Tahmazov Elkhan, Bosse Jordan, Glemain Benjamin, Nabbe Patrice, Guillou Morgane, Blachier Athéna, Walter Michel, Lemey Christophe
URCI University Hospital Department of Adult Psychiatry, Brest, France.
Sorbonne University, Inserm, Pierre-Louis Institute of Epidemiology and Public Health, Paris, France.
Acta Psychiatr Scand. 2025 Feb;151(2):127-141. doi: 10.1111/acps.13773. Epub 2024 Nov 27.

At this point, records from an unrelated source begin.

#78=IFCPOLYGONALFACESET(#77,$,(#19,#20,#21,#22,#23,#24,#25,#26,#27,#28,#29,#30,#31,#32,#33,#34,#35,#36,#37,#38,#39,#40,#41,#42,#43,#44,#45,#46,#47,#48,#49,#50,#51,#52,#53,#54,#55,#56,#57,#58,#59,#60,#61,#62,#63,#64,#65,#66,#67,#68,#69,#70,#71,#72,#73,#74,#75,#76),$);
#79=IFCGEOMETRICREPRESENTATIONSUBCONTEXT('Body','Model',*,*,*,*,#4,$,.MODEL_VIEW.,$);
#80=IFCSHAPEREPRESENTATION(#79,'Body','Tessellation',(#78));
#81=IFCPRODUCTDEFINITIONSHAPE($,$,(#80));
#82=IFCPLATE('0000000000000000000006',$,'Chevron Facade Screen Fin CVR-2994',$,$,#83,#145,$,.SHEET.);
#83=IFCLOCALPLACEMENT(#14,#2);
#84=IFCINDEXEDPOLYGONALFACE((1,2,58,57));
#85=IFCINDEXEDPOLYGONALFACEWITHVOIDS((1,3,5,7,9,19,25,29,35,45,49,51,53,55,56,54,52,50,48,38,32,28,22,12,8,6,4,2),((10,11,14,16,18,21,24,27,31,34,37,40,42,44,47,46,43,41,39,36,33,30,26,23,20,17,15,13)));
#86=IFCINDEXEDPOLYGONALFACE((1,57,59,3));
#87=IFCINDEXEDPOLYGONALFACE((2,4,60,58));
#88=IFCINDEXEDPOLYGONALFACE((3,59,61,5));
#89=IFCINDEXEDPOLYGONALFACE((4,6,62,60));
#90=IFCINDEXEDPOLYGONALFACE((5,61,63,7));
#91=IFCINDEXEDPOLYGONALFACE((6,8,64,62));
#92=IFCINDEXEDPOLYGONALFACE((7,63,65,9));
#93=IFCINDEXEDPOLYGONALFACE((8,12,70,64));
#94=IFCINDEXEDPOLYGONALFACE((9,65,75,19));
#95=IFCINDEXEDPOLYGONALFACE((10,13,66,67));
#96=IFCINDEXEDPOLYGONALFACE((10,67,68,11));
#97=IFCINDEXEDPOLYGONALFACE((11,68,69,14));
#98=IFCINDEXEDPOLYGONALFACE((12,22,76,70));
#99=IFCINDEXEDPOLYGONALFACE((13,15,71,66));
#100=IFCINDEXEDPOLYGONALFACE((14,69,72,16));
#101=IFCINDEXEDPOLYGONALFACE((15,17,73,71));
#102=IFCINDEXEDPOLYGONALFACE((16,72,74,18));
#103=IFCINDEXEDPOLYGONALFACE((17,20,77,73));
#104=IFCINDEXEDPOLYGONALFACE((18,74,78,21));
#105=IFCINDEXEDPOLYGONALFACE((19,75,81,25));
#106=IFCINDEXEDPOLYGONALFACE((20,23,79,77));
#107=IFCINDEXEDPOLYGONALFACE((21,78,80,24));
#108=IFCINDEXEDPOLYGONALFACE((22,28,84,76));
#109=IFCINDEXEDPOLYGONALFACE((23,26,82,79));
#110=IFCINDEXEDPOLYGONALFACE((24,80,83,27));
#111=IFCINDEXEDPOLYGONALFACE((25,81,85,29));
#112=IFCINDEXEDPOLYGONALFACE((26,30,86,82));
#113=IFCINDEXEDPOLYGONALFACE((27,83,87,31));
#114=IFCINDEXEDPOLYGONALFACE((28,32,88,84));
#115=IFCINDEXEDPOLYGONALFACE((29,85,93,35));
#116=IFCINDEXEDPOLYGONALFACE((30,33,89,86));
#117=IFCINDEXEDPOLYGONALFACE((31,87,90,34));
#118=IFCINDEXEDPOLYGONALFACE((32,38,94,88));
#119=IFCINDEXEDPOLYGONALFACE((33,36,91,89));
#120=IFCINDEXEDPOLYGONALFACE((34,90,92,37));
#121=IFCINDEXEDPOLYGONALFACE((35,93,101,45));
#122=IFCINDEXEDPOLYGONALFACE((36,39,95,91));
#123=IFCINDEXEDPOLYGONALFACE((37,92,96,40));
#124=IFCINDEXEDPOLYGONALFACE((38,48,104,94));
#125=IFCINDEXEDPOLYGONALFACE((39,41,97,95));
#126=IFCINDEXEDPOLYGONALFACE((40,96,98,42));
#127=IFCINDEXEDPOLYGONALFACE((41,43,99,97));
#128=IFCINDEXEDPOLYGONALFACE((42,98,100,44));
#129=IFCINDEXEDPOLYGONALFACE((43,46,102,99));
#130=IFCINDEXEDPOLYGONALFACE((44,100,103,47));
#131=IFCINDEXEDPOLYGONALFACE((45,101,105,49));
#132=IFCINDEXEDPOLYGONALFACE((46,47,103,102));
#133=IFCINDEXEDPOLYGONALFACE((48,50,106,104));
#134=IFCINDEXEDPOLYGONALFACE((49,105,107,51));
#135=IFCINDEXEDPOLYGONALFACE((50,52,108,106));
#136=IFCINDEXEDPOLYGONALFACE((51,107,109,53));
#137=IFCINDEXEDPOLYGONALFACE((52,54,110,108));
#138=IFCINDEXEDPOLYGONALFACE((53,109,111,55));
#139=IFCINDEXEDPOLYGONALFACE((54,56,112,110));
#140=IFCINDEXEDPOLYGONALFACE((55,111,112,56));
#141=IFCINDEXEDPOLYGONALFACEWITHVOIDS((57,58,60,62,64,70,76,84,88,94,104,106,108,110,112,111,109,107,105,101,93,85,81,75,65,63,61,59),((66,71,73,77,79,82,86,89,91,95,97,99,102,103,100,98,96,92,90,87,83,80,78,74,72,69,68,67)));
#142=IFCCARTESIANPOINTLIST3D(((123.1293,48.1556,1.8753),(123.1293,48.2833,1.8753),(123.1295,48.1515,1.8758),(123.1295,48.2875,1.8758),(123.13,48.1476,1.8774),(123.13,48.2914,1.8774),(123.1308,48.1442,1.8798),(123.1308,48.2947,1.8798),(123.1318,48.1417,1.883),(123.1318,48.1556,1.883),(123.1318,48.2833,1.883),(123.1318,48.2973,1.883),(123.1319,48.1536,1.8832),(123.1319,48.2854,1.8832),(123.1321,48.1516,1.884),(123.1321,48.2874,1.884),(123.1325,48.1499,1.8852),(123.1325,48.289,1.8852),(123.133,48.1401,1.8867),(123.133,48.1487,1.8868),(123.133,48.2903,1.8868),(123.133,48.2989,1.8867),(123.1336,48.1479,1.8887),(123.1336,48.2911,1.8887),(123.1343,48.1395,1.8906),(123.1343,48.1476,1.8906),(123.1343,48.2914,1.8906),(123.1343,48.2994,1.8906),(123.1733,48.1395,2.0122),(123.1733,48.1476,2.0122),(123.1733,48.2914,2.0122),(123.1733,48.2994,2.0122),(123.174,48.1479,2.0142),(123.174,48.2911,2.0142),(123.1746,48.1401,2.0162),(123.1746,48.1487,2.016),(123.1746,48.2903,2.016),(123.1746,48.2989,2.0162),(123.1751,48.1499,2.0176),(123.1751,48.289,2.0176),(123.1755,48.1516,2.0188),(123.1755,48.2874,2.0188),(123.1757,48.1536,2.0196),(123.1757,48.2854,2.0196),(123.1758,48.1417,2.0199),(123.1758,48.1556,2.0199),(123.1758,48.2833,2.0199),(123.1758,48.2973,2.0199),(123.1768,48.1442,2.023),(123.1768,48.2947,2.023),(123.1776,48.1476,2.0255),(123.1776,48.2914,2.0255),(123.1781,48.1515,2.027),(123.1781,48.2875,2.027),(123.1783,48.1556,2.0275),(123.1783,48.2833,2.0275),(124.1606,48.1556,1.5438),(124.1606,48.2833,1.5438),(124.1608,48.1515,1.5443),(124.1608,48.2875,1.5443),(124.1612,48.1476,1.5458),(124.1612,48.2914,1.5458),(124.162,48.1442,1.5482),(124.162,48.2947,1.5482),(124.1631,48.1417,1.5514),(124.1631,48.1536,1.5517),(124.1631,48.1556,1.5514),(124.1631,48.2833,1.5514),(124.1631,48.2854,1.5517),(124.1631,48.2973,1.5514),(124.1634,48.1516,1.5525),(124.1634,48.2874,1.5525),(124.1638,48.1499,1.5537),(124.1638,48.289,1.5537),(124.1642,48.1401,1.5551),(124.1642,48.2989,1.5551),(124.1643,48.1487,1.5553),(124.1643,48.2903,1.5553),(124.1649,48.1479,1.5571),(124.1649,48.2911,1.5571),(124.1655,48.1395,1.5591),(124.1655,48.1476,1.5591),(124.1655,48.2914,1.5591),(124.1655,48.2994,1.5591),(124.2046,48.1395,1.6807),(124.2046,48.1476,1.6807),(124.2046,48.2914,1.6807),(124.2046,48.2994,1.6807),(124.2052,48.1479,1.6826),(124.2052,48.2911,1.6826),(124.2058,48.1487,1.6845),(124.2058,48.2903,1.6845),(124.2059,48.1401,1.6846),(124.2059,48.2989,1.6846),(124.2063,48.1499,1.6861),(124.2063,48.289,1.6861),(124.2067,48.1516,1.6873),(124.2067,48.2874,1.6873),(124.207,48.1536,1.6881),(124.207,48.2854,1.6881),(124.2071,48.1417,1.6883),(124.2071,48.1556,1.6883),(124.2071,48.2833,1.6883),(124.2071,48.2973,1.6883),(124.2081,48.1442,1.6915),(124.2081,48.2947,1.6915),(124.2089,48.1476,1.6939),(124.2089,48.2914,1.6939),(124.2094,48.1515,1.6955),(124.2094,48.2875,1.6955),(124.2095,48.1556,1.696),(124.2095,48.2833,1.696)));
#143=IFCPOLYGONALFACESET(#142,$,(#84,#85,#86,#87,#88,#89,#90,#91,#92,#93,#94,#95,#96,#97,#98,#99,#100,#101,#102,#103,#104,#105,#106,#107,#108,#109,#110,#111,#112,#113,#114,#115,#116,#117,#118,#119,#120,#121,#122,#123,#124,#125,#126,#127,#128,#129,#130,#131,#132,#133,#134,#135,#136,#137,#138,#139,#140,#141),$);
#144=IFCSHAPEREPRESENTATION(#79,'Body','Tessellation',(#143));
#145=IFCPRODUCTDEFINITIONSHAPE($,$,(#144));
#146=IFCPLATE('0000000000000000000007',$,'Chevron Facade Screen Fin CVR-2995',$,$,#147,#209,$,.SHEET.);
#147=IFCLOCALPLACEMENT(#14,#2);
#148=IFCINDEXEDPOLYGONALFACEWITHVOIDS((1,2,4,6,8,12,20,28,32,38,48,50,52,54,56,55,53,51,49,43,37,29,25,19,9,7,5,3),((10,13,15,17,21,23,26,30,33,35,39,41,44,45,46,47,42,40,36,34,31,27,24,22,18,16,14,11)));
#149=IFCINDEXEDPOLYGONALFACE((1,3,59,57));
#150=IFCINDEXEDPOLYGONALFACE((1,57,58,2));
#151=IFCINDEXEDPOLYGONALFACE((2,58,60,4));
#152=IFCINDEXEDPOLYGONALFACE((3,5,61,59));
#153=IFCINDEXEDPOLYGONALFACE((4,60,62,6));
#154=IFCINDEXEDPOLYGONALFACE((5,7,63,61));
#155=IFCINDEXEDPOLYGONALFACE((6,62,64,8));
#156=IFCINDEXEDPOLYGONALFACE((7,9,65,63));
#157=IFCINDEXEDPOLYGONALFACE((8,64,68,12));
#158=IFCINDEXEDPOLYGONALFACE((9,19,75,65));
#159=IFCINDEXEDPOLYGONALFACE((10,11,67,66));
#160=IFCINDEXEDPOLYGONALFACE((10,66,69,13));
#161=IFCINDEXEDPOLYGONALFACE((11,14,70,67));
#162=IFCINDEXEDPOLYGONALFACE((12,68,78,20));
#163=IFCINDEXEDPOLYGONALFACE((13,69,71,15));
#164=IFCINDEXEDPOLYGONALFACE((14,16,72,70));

Early-onset psychotic disorders include the prodromal phase and the first-episode psychosis (FEP). They constitute a high-risk period for suicidal behavior. Early intervention for psychosis (EIP) consists of intervening as early as possible. The effectiveness of early intervention on overall prognosis has been reported in numerous studies, and EIP services are emerging worldwide. Several authors report an improvement in suicidal behavior, but no study has looked at all the data.
The aim of work is to study whether early intervention for psychosis has an impact on deaths by suicide and suicide attempts, and study which intervention methods have an impact on suicidal behavior.
By respecting the PRISMA criteria, previously declared on PROSPERO, by exploring 5 medical databases (PubMed, Cochrane, PsycINFO, Scopus, Embase), from their creation dates, published until 20/02/2023, in English, we carried out a meta-analysis. The articles selected had to deal with the EIP and deaths by suicide or suicide attempts. Our primary outcome is the deaths by suicide and the secondary outcome the suicide attempt.
The exhaustive search identified a total of 2310 references. Nine articles were included. Their intervention modalities were pharmacotherapy, psychotherapy, case-management, or related services, and psycho-social therapies. Our meta-analysis shows that early intervention for early-onset psychotic disorders is associated with a statistically significant reduction by a third in deaths by suicide (ORa = 0.66 (0.49-0.88), p = 0.005) and by a third in suicide attempts (ORa = 0.66 (0.50-0.86), p = 0.002), with non-significant heterogeneity. Sensitivity analyses excluding the study with statistical difficulties due to the absence of an event and studies with a high risk of bias point in the same direction, that is a statistically significant reduction and non-significant heterogeneity.
The literature shows that early intervention programs are associated with positive impact on deaths by suicide and suicide attempt. This is the first meta-analysis of early intervention in early psychotic disorders and its impact on suicidal risk. The deployment of EIP should be supported worldwide in order to intervene as early as possible and prevent the risk of suicide.
PROSPERO CRD42022366976.
早发性精神障碍包括前驱期和首次发作精神病(FEP)。它们构成了自杀行为的高风险期。精神病早期干预(EIP)包括尽早进行干预。众多研究报告了早期干预对总体预后的有效性,并且EIP服务正在全球范围内兴起。几位作者报告了自杀行为有所改善,但尚无研究审视所有数据。
本研究的目的是探讨精神病早期干预是否对自杀死亡和自杀未遂有影响,并研究哪些干预方法对自杀行为有影响。
通过遵循先前在PROSPERO上声明的PRISMA标准,检索5个医学数据库(PubMed、Cochrane、PsycINFO、Scopus、Embase),从其创建日期至2023年2月20日发表的英文文献,我们进行了一项荟萃分析。所选文章必须涉及EIP以及自杀死亡或自杀未遂。我们的主要结局是自杀死亡,次要结局是自杀未遂。
全面检索共识别出2310篇参考文献。纳入了9篇文章。其干预方式包括药物治疗、心理治疗、病例管理或相关服务以及心理社会治疗。我们的荟萃分析表明,早发性精神障碍的早期干预与自杀死亡显著减少三分之一相关(ORa = 0.66(0.49 - 0.88),p = 0.005),自杀未遂也显著减少三分之一(ORa = 0.66(0.50 - 0.86),p = 0.002),异质性不显著。敏感性分析排除因无事件而存在统计困难的研究以及存在高偏倚风险的研究后,结果指向同一方向,即有显著的减少且异质性不显著。
文献表明早期干预项目对自杀死亡和自杀未遂有积极影响。这是对早期精神病性障碍早期干预及其对自杀风险影响的首次荟萃分析。应在全球范围内支持EIP的开展,以便尽早进行干预并预防自杀风险。